I was told that Amarillo has some 50,000 inhabitants, but at least 100,000 persons lined the streets today. It is not just a Texas celebration. New Mexico, Colorado, Oklahoma and even Kansas are represented here. Three of the governors, attired in cowboy costume, rode at the head of the parade.

After my drive I returned to the reviewing stand and was presented with a bouquet of red roses which had to be lifted by a derrick into place below the reviewing stand. It was a gorgeous sight and suited this country well, for out here everybody asks you how you like the wide open spaces.
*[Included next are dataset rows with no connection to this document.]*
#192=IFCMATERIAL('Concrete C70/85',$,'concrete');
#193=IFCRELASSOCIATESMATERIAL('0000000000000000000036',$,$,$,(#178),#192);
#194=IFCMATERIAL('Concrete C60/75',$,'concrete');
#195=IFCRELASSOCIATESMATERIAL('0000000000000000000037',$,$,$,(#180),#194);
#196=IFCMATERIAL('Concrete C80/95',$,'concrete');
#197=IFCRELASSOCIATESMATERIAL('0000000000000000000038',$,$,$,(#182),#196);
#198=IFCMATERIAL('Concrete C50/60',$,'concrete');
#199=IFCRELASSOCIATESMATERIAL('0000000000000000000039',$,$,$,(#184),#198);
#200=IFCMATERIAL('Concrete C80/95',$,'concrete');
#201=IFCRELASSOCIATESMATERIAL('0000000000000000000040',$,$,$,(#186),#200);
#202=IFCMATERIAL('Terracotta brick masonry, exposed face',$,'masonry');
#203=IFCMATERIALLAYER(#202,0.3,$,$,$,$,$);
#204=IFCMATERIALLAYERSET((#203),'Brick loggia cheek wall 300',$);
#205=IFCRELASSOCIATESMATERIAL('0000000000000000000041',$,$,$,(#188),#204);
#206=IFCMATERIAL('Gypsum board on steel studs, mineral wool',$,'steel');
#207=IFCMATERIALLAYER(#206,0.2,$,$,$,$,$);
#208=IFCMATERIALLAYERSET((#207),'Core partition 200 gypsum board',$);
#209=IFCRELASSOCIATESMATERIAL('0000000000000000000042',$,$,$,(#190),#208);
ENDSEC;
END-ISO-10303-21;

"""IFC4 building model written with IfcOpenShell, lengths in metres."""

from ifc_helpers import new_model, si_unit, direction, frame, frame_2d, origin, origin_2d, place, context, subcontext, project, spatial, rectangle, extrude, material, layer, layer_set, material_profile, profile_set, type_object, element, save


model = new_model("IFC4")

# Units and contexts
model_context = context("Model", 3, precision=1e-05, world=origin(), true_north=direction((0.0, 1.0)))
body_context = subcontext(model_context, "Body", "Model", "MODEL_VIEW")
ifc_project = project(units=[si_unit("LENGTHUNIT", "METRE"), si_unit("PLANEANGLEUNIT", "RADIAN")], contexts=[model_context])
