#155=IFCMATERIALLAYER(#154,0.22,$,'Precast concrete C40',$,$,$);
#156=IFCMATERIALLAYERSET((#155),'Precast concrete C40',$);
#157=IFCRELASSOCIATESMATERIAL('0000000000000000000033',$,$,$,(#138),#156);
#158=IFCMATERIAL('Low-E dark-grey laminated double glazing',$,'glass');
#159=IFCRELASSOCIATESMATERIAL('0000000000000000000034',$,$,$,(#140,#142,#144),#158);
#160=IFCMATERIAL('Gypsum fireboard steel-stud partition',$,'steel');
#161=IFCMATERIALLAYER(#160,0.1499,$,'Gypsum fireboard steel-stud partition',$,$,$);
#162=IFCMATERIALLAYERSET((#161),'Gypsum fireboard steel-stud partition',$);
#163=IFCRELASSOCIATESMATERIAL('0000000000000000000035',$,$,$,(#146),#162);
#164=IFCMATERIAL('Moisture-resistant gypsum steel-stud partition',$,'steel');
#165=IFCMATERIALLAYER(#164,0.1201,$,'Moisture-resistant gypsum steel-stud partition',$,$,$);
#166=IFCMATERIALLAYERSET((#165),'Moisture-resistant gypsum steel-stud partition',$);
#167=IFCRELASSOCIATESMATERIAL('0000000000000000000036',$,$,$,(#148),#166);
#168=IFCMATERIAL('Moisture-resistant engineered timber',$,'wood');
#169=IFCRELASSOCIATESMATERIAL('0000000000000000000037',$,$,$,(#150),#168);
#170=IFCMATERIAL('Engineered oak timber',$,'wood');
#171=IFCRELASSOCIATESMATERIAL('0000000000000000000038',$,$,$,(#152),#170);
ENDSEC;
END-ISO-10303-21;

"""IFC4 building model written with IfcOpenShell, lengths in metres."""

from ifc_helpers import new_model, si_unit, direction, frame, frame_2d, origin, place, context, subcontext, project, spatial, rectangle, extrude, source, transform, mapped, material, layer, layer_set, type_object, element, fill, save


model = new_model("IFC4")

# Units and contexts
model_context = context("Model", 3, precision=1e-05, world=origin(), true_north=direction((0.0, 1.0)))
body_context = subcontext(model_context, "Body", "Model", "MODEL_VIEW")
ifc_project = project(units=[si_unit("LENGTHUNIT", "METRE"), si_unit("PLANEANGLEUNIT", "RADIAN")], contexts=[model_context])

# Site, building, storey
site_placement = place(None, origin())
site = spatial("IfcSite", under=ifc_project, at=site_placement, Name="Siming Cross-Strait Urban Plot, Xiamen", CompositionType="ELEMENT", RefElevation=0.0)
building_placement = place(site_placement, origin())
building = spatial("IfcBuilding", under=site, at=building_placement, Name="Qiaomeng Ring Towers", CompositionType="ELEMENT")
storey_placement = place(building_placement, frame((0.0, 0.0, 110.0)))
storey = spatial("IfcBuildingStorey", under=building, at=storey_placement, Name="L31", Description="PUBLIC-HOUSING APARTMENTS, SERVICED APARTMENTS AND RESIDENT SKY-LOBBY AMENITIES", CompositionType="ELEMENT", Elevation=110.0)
Things have a right to be bigger here than anywhere else and, strangely enough, large things do not look out of place, even when they are bouquets made up of 5000 roses. The floats in the parade were remarkable, colorful and picturesque.
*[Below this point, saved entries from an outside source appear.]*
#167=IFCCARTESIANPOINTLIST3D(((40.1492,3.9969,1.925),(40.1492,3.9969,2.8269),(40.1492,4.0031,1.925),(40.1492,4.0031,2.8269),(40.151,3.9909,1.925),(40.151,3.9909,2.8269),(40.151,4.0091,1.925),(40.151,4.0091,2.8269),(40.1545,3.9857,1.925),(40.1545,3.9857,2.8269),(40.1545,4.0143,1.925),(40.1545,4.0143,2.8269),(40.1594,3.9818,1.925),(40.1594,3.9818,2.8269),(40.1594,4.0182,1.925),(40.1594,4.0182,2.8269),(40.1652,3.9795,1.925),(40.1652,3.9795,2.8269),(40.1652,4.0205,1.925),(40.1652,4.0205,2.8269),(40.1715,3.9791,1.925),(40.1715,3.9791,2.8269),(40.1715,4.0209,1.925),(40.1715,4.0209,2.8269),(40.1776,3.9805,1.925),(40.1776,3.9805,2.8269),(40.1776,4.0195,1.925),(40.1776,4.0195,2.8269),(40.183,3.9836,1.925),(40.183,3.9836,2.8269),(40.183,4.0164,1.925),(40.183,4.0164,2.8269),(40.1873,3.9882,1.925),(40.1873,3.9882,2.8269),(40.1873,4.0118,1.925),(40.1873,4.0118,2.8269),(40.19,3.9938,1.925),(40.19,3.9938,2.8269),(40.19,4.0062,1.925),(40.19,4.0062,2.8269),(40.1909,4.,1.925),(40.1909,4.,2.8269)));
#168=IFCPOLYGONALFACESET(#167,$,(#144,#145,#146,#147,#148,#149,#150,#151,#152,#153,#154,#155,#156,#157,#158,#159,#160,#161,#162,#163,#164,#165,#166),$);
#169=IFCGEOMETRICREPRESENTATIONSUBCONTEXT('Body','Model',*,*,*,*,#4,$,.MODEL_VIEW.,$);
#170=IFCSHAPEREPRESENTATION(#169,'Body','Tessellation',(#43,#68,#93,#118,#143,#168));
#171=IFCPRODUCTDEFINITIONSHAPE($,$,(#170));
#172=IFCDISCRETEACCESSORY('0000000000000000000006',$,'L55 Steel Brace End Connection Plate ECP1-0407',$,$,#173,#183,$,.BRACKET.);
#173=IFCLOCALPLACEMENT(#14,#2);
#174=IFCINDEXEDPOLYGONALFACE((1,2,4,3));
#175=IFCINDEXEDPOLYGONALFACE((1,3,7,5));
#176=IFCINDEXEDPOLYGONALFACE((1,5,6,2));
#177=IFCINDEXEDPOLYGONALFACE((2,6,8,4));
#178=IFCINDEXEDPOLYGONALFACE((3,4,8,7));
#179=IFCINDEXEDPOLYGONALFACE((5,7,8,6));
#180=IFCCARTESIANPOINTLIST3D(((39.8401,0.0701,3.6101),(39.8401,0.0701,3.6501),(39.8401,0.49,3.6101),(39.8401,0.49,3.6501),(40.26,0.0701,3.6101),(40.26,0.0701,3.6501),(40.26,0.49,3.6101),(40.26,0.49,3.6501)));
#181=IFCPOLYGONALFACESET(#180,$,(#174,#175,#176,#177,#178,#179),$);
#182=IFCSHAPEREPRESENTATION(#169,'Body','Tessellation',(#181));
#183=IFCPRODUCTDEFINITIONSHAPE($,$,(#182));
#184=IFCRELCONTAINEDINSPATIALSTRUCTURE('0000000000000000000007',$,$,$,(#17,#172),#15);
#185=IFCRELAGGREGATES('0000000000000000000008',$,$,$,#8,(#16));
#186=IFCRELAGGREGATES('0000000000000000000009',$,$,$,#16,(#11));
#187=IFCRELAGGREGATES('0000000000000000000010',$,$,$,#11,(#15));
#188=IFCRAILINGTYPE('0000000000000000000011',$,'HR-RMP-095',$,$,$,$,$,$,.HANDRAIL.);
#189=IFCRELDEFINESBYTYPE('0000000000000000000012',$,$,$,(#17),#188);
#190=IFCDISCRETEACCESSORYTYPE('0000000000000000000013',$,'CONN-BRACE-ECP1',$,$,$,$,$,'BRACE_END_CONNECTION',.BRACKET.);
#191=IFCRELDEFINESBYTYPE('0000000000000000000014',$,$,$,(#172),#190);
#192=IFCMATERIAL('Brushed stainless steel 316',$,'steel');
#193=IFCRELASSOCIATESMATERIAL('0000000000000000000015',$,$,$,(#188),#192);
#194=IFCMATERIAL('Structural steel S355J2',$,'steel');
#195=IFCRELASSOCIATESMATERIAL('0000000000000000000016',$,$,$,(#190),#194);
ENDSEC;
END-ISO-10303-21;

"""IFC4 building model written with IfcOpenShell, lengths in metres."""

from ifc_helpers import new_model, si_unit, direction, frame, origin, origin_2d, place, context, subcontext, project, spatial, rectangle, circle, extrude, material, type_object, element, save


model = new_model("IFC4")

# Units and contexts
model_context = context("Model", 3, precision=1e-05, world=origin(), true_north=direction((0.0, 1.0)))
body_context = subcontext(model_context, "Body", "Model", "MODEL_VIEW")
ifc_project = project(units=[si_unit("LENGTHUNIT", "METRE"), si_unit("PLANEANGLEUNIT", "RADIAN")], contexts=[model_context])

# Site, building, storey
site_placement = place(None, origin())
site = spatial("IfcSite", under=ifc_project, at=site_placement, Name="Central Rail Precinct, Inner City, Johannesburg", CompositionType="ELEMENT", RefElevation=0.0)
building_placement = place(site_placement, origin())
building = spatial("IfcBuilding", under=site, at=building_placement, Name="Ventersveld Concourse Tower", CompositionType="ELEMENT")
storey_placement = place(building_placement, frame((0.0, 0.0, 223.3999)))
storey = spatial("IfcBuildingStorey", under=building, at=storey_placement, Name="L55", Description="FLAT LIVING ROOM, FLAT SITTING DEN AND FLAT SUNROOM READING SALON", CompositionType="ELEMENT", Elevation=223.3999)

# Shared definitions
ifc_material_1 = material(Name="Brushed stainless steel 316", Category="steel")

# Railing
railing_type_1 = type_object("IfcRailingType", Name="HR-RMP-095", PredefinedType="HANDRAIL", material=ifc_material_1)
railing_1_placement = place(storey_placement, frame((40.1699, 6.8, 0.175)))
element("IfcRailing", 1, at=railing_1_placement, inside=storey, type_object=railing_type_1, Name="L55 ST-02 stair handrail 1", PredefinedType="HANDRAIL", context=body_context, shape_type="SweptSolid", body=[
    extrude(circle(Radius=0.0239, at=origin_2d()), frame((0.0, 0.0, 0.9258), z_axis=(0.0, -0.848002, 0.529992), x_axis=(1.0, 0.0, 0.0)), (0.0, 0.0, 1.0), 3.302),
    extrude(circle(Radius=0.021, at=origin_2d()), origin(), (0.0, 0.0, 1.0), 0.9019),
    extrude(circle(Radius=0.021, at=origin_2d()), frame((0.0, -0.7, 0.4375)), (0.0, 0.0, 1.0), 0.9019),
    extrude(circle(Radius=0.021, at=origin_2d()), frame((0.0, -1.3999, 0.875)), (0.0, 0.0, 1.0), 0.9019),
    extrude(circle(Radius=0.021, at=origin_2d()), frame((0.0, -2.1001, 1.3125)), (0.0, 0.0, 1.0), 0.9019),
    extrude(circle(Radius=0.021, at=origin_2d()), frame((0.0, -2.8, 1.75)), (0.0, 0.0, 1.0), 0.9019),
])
The thing which impresses me most is the people. The girls have a great deal of beauty and the men are a fine upstanding lot.
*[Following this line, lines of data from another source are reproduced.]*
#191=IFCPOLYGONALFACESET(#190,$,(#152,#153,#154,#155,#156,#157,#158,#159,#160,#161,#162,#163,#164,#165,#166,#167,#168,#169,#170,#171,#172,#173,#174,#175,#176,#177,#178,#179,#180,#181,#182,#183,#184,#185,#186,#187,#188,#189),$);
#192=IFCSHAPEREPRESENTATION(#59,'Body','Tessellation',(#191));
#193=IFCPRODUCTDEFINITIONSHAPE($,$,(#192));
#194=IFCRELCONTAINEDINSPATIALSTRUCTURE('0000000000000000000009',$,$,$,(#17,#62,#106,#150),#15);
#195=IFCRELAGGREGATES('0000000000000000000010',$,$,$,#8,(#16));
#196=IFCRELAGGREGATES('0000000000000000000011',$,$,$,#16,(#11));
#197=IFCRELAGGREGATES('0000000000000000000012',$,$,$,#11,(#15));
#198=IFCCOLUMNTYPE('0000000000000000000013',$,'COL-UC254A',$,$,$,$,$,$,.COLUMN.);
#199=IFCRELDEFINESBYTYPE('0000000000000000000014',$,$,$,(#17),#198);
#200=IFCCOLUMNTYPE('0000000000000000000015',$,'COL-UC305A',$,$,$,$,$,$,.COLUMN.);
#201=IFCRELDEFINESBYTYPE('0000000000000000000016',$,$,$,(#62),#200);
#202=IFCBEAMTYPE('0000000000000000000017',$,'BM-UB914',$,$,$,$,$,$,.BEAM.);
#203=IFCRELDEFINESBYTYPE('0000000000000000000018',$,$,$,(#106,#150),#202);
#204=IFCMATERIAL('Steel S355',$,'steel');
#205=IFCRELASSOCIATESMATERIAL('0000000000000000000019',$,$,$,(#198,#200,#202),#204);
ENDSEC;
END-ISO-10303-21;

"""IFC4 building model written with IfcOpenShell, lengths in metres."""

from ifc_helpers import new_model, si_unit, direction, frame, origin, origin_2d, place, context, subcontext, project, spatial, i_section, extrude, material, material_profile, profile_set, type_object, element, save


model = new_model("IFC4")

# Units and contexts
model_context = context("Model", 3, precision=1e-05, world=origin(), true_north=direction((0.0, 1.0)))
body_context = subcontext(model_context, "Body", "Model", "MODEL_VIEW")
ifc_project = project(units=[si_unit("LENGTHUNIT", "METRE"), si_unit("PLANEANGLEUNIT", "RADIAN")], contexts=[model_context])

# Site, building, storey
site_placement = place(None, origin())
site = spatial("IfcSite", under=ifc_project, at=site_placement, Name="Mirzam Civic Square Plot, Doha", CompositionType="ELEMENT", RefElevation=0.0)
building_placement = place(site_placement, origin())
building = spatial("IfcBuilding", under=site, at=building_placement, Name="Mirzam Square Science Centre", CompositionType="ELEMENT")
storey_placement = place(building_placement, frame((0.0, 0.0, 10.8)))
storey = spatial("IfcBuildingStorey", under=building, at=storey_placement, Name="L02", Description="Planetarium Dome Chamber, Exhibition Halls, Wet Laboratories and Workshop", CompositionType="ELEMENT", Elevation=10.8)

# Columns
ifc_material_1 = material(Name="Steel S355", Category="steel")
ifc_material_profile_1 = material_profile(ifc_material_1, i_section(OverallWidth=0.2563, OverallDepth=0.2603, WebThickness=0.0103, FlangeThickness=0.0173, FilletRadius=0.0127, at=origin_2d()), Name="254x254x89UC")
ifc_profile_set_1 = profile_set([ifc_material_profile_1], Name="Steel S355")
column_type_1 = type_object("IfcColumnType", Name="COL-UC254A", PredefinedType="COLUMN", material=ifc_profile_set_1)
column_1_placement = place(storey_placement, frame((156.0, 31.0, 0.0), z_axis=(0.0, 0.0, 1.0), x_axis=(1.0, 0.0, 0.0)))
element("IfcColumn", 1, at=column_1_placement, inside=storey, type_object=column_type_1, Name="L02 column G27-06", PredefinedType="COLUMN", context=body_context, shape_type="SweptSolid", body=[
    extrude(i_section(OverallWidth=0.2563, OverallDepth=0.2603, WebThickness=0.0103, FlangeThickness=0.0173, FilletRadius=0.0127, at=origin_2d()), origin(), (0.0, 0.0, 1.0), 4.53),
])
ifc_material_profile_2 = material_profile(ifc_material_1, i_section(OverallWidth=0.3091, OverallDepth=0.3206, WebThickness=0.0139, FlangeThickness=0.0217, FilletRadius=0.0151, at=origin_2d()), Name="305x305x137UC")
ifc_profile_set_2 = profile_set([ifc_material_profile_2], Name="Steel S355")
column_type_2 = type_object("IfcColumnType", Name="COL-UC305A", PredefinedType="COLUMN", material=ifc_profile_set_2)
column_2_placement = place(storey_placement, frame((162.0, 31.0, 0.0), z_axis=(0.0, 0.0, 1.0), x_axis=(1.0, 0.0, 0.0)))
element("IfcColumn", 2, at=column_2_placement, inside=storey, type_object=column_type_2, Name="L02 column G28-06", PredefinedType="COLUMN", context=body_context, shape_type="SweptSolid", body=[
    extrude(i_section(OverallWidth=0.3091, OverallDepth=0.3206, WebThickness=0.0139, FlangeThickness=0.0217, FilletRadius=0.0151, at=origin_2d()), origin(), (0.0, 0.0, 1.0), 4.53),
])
Yesterday afternoon, I met a young homesteading couple at the government homestead at Ropesville. Then we drove around Tech College, where they have an interesting National Youth Administration project. Here the boys are finishing a dormitory. They put three hours work a day on it in return for several hours of instruction in different things in which they are interested.

A young man, who looked after us in the hotel, told us he had been going through college there ever since 1932. He worked a while and then he went to college until his money gave out and he had to work again. The hotel management is kind and lets these boys work on and off. The head of the College, Dr. Knapp, told me that practically none of his students finish without dropping out now and then for work periods. Our Eastern Universities might find this a little confusing, but I am not sure that it isn't a very good thing for the boys.

In any case, these people gave me a feeling that life might have its ups and downs, but out in this part of the country you expect to go up again very quickly after a defeat and you help Providence along by putting in a good day's work every day.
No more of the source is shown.